2. Комическое до комедии
Опубл.: Фрейденберг О. М. Комическое до комедии : (к проблеме возникновения категории качества) // Миф и театр / сост., научно-текст. подг., предисл. и примеч. Н. В. Брагинской. – М.: ГИТИС, 1988. – С. 74–127.
|
Гнева и ты моего не обуздывай, дай мне свободу!
Гряд сей тебе я предать соглашаюсь, душой несогласный.
Вот как уступчив грозный Олимпиец! Вот как он боится своей жены!
2.
Не только Зевс и Гера — все боги и богини Илиады ссорятся, бранятся, интригуют. Они даже дерутся!
Посейдон не хочет покориться Зевсу и обращает к нему ругательства (15,158 слл.); Арес, по интриге Геры, хочет идти в сражение вопреки воле Зевса (113 слл.). В 21 песне изображается ссора богов, драка богов, ругань богов.
392 Щиторушитель Арей налетел на Палладу Афину,
Медным колебля копьём, изрыгая поносные речи:
«Паки ты, наглая муха, на брань небожителей сводишь?
Дерзость твоя беспредельна!

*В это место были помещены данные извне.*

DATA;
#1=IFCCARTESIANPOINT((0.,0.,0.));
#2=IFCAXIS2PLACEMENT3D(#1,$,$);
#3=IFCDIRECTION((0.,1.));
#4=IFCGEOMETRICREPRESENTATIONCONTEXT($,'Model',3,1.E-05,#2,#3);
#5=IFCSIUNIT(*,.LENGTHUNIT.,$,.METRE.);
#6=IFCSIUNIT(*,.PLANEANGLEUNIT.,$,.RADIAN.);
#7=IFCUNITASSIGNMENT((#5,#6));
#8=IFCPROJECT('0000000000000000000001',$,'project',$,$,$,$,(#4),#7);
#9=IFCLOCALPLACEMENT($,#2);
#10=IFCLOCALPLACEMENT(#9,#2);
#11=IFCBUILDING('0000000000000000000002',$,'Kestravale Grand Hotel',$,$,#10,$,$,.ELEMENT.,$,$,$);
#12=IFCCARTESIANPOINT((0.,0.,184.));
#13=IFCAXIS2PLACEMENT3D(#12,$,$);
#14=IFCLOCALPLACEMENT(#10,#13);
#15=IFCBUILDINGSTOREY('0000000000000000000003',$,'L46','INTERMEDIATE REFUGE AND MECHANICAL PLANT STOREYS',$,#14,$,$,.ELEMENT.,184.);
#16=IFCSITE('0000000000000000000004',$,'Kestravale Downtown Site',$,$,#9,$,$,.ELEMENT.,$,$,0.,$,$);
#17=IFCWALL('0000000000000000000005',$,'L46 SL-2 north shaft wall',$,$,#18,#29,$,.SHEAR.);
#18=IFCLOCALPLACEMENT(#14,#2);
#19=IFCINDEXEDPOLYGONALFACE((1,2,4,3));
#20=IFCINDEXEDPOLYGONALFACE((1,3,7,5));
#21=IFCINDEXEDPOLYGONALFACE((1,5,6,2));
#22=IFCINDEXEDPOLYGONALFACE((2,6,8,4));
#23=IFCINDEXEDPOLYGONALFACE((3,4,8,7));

Ты вечно свирепствуешь сердцем!
…Ныне за всё, надо мной совершённое, мне ты заплатишь!»
Рёк, и ударил копьём в драгоценный эгид многокистный,
Страшный, пред коим бессилен и пламенный гром Молневержца.

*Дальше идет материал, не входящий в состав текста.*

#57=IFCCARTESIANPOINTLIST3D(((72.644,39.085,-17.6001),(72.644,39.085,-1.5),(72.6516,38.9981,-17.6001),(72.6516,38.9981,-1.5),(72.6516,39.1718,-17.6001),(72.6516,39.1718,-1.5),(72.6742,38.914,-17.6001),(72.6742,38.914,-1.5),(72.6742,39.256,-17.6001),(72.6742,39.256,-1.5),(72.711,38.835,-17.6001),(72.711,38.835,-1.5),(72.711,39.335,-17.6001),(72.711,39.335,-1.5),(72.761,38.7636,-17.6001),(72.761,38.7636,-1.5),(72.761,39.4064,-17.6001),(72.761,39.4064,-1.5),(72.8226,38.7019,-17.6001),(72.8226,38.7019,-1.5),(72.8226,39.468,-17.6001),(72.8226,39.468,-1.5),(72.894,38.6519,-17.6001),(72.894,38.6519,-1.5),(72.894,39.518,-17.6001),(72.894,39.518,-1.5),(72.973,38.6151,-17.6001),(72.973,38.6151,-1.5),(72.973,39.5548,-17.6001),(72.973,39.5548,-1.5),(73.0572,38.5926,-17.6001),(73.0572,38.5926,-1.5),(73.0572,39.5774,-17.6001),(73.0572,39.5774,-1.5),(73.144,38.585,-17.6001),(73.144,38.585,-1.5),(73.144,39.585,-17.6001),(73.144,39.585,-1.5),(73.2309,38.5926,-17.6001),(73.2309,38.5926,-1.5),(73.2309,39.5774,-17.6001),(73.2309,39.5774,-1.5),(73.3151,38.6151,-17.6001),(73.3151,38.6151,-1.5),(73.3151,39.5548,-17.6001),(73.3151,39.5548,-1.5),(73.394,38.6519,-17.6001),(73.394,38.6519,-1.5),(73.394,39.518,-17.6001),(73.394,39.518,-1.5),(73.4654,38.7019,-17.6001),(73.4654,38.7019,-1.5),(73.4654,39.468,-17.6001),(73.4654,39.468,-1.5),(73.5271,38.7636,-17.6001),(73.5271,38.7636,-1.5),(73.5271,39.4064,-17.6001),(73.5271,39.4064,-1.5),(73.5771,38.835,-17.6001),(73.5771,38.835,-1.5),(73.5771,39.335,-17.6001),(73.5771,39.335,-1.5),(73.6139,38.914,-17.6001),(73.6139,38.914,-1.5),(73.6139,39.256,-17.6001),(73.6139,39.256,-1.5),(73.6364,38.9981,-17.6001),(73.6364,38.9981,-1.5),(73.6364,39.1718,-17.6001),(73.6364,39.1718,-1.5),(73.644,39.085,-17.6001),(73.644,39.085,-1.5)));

В оный копьём длиннотенным ударил Арей исступлённый.
Зевсова дочь отступила и мощной рукой подхватила
Камень, в поле лежащий, чёрный, зубристый, огромный…

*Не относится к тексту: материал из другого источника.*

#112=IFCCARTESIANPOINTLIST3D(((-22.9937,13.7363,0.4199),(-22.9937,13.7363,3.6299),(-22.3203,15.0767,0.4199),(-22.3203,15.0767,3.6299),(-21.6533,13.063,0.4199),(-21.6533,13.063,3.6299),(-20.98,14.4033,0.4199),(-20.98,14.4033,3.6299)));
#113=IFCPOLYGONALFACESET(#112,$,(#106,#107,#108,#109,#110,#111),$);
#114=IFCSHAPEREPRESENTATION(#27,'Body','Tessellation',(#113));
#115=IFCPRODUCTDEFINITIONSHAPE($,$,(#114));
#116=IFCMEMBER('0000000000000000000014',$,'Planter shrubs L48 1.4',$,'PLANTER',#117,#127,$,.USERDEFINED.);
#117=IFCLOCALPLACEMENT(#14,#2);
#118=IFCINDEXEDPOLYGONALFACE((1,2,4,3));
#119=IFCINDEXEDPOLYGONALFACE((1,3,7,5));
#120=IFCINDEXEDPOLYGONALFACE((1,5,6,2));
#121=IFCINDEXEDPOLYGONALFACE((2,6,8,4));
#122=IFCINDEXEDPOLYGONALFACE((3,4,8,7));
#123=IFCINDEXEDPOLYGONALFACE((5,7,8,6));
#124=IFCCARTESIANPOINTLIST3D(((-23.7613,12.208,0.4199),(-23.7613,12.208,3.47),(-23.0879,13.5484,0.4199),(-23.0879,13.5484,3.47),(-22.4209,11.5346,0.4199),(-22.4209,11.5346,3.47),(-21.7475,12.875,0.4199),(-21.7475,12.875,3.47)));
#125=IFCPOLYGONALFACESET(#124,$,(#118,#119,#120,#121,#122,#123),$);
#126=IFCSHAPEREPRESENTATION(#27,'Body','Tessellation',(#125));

Камнем Арея ударила в выю и крепость сломила.
Та же участь ожидает и Афродиту.
|
|
|
423 …Афина бросилась с радостью в сердце,
Быстро напав на Киприду, могучей рукой поразила
В грудь, и мгновенно у ней обомлели и сердце, и ноги.
Гера поносит бранными словами Артемиду, а затем
489 …руки богини своею рукою
Левой хватает, а правою, лук за плечами сорвавши,
Луком, с усмешкою горькою, бьёт вкруг ушей Артемиду:
Быстро она отвращаясь, рассыпала звонкие стрелы
И, наконец, убегала в слезах.
Такие отношения между богами отливаются в целые битвы-поединки, как в 20 песне. Это самые настоящие агоны. Трудно отличить драку богов, инвективу, агоны от тех агонов инвективы и драк, которые составляют душу балаганной и литературной комедии. Между тем, в эпосе видно с полной убедительностью, что распри-битвы богов дублируют распри-битвы героев. Разница между тем и другим — только разница планов. Дело, по-видимому, не в одном лишь смехе. Комическое имеет какую-то иную сущность, которая только метафоризируется смехом, наряду с инвективой, агоном, айсхрологией и т.д. Одной из таких метафор ‛комического’ является и похвальба. «Хвастливый воин» всегда присутствует в комедии. О похвальбе героев греческого эпоса (как и русского) можно бы сказать очень много. Но похваляются и боги, и тут-то весь контекст говорит именно о ‛комическом’. Я имею в виду похвальбу Афины, избивающей Ареса и Артемиду (21,427). Самый
|
|
|
термин ἐπευχομένη говорит очень ясно, что мы имеем с древнейшей похвальбой: ведь по-гречески εὔχομαι и ἐπεύχομαι ‛молюсь’ значит ‛хвастаюсь’, εὖχος слава, εὐχή молитва. Величанье, автослава, хвала тотема самому себе (победа над антагонистом, антитотемом) — вот что тут в основе.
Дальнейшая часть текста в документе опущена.